No que parece ser o enredo de um filme de ficção científica, cientistas confirmam que as placas tectônicas que compõem a África estão se separando. Este fenômeno, conhecido como "rifting" continental, não é novo na história da Terra — foi assim que a América do Sul se separou da África, criando o Oceano Atlântico. Agora, testemunhamos o início de um processo semelhante em tempo real.
O epicentro desta transformação é o Sistema de Rifte da África Oriental (EARS, na sigla em inglês), uma das maiores e mais ativas zonas de fenda continental do mundo. Estendendo-se por mais de 3.500 quilômetros, desde o Golfo de Áden, no norte, até Moçambique, no sul, esta vasta depressão geológica é a manifestação visível da lenta, mas implacável, separação da Placa Africana em duas novas placas: a Placa Núbia (a maior parte do continente) e a Placa Somali (o Chifre da África).
O que está acontecendo sob a superfície?
A crosta terrestre não é uma casca sólida e contínua, mas sim um quebra-cabeça de placas tectônicas que flutuam sobre o manto semi-fluido do planeta. Impulsionadas por correntes de convecção de rocha derretida (magma), essas placas estão em constante movimento, colidindo, deslizando umas sobre as outras ou, como no caso africano, se afastando.No Rifte da África Oriental, o motor por trás da separação é uma enorme pluma de magma superaquecido que sobe do manto, empurrando e afinando a litosfera (a camada rígida externa da Terra). Esse processo estica a crosta, causando fraturas, terremotos e intensa atividade vulcânica. O resultado é a formação de um vale profundo, o Vale do Rift, que se alarga a uma taxa de poucos milímetros a centímetros por ano — um ritmo comparável ao crescimento das unhas humanas, mas que em escala geológica é extraordinariamente rápido.

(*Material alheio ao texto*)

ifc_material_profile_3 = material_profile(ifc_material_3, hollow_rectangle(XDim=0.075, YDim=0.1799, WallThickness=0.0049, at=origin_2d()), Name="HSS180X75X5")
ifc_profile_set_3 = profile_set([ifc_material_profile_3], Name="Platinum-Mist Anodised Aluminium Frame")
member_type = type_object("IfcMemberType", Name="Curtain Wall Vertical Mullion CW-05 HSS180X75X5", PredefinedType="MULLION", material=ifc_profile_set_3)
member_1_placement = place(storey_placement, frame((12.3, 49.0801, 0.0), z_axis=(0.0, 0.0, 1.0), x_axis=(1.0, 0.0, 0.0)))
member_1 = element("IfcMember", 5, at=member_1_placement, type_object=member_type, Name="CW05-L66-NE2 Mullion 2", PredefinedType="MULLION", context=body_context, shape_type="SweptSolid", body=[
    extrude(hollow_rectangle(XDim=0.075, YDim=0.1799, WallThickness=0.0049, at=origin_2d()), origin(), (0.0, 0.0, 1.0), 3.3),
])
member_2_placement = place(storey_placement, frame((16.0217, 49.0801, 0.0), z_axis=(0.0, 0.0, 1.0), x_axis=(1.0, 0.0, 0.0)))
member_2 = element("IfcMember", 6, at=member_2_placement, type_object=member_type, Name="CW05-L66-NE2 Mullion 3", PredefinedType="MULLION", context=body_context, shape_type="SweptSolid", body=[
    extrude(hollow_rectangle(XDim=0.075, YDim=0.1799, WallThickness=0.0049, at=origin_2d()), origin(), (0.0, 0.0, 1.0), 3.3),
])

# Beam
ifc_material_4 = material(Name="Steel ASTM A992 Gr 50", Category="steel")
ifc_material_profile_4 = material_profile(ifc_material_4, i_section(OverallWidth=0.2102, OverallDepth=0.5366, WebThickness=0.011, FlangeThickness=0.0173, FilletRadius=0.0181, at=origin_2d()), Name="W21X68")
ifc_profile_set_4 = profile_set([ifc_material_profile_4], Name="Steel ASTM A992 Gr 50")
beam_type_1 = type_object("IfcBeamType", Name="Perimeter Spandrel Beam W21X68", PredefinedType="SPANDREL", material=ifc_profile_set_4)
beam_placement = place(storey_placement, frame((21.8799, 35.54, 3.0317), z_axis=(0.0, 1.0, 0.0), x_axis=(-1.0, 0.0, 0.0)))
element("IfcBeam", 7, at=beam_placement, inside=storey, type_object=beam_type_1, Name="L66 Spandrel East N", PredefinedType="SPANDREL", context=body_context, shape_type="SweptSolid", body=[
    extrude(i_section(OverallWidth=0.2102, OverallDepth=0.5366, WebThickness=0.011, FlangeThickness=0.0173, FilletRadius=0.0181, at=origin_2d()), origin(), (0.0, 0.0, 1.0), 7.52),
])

Um dos pontos mais ativos e geologicamente significativos deste sistema é a Depressão de Afar, ou Triângulo de Afar, uma região que abrange partes da Etiópia, Eritreia e Djibuti. Este local é um "ponto de junção tripla", onde as placas Núbia, Somali e Arábica se encontram e se afastam, tornando-o um dos lugares mais quentes e geologicamente instáveis da Terra. É aqui que os cientistas podem observar em terra firme processos que normalmente ocorrem nas profundezas dos oceanos.
Evidências Visíveis de um Continente em Divisão
Embora o processo leve milhões de anos para se completar, seus efeitos já são visíveis. Em 2005, o mundo geológico voltou sua atenção para a Etiópia quando uma fissura de 60 quilômetros de comprimento e até 8 metros de largura se abriu no deserto de Afar em apenas dez dias, um evento desencadeado por uma erupção vulcânica. Mais recentemente, em 2018, uma grande rachadura surgiu subitamente no sudoeste do Quênia, cortando uma rodovia e forçando a evacuação de famílias.Esses eventos dramáticos são a prova cabal de que as forças tectônicas estão ativamente remodelando a paisagem. À medida que o vale afunda, ele acabará por atingir uma altitude abaixo do nível do mar. Nesse ponto, as águas do Mar Vermelho e do Golfo de Áden inundarão a depressão, criando um novo mar estreito que, com o tempo, se alargará para formar um vasto oceano.
Um Novo Mapa para o Mundo
A concretização deste evento geológico irá redesenhar radicalmente o mapa da África e do mundo. Países que hoje não têm acesso ao mar, como Uganda, Ruanda, Burundi e Zâmbia, poderão ganhar um litoral. Nações como Quênia, Etiópia e Tanzânia seriam divididas, com uma parte no continente principal e outra em uma nova massa de terra, uma espécie de "Ilha Africana" gigante, comparável em tamanho a Madagascar.A formação de um novo oceano terá implicações profundas não apenas para a geografia, mas também para os ecossistemas, o clima e até mesmo para a geopolítica e o comércio global, com o surgimento de novas rotas marítimas.
Embora a humanidade possa não estar aqui para velejar no "Oceano Africano", o estudo do Rifte da África Oriental oferece uma oportunidade única para compreender as forças fundamentais que moldaram nosso planeta por bilhões de anos e que continuam a transformá-lo diante de nossos olhos. Estamos testemunhando, em câmera lenta, o nascimento de um oceano.